Вторая песенная строфа (от ц. 4) звучит почти так же, как начальная, только к вокальной теме в качестве пунктирного подголоска присоединяется мелодия, изложенная гобоем (скрипка pizzicato). А грузинский текст заменяется немецким — новым, но выражающим те же мысли.
«Умри и возродись!» Об этой фразе Гёте написаны, наверное, целые тома. В ней видят и своеобразный лейтмотив творчества поэта, который, по словам Р. Роллана, «идет навстречу солнцу и вырывает его у ночи», и пророчество о трагической судьбе немецкого народа в XX веке… А у Галактиона Табидзе умирает трава, чтобы родилось благоухание сена, хранящего в себе жизнетворную частицу солнца. Умирает зерно, брошенное в землю, чтобы по весне возродиться в новых всходах.
«Умри и возродись!
Страдание и Радость…
Надежда и Вера…
Ночь становится светлее…
Все светлее, все светлее…
Играйте, дети…»
Извечный круговорот жизни и смерти. Извечный крестный путь через страдания к радости — во искупление грехов мирских. Надежда и Вера, путеводными звездами горящие во мраке. Светлеющая ночь — короткая ночь самого длинного летнего дня — просветленная ночь немецких романтиков — солнечная ночь грузинской литературной традиции: «… найти потерянное в ночи солнце и вернуть его […] чтобы найти и увидеть самих себя» (238, с. 189).
Но последняя фраза в этой ассоциативной цепочке повисает над тишиной немым укором. Как кукла в проломе разрушенного бомбой дома. Как ребенок, прижавшийся к матери в последнем, уже нераздельном объятии. Кто и чем возместит этим детям недоигранные игры, недополученную ласку, непознанный мир? Откуда-то издали надвигается траурное шествие, возглавляемое вечными печальни-цами-флейтами (ц. 5—7). А может быть, это погребальный звон? Или роковые удары часов истории, возвещающих о досрочном окончании беззаботного и неприкосновенного детства?

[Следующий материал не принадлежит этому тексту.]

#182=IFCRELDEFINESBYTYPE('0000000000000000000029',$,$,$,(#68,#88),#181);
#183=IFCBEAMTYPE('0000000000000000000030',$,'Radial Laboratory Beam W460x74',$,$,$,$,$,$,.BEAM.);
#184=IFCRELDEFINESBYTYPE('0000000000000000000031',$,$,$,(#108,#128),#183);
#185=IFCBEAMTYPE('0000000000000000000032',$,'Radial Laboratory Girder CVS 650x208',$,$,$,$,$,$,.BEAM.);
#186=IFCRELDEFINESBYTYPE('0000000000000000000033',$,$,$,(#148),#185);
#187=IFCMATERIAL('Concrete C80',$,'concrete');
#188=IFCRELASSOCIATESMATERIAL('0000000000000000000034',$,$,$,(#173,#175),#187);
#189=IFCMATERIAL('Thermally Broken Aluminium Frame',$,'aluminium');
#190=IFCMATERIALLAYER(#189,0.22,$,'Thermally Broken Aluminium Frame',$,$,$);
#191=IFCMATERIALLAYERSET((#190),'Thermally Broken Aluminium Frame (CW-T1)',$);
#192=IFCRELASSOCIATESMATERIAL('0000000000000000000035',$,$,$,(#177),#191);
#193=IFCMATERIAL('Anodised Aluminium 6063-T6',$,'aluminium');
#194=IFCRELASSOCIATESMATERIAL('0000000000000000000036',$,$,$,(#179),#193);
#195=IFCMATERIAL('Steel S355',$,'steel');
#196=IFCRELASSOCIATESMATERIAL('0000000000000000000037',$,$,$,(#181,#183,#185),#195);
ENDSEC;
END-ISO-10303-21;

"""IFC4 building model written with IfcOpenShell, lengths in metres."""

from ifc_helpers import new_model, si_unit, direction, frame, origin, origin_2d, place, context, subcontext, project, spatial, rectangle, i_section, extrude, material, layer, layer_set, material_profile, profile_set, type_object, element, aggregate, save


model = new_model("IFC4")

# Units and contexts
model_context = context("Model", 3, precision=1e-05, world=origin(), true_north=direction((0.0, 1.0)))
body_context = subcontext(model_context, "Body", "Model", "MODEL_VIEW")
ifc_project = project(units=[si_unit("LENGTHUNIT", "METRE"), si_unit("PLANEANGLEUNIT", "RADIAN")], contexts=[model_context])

Пласты фактуры, до сих пор согласно прилегавшие друг к другу, начинают топорщиться, вставать на дыбы, смещаться друг относительно друга — резонанс тритоново-полутонового сдвига на грани первой и второй строф. И одновременно какая-то внутренняя сила пытается остановить это роковое — как деление атомного ядра — расслоение, снова стянуть его в единство. В споре стабильного и деструктивного начал, восходящих к единой основе, к общему интонационному истоку, и заключен, на мой взгляд, драматургический стержень «Светлой печали», ее высшая гуманистическая идея. Бог и Дьявол, Добро и Зло — все в одной человеческой душе, в одном людском сообществе. Великих гуманистов и кровавых палачей рождают один и тот же народ, одна и та же эпоха, общественная формация. Храмовая красота «Светлой печали», разлитая в этой музыке идея милосердия не идентичны непротивлению и всепрощению. Преступления против человечности не отменяются «за давностью», оставленные ими раны нужно посыпать солью памяти — хотя бы во избежание новых, стократ более тяжких.
Первый оркестровый эпизод «Светлой печали» — первая попытка противостояния, может быть, и самопреодоления. Повисшая в воздухе терция заключительного аккорда в вокальной строфе (ре-диез фа-диез — ми-бемоль соль-бемоль) — это и погребальный стон, и устойчивый элемент фактуры, постепенно подчиняющий все остальные пласты центростремительной силе ми-бемоль минора. Но, как и в финале «Музыки для живых», в «Светлой печали» изобилие откровенно кадансовых оборотов не создает впечатления устойчивости. Едва определившийся ми-бемоль минор (ц. 6) логикой мелодического движения («осветление» минорной терции, секундовый ход баса по типу прерванного оборота) смещается в краткую до-ми-норную тему-символ, а в ее каданс врезается новая строфа «расщепления», на сей раз пресекаемого трубами (4, а затем 2 т. до ц. 7).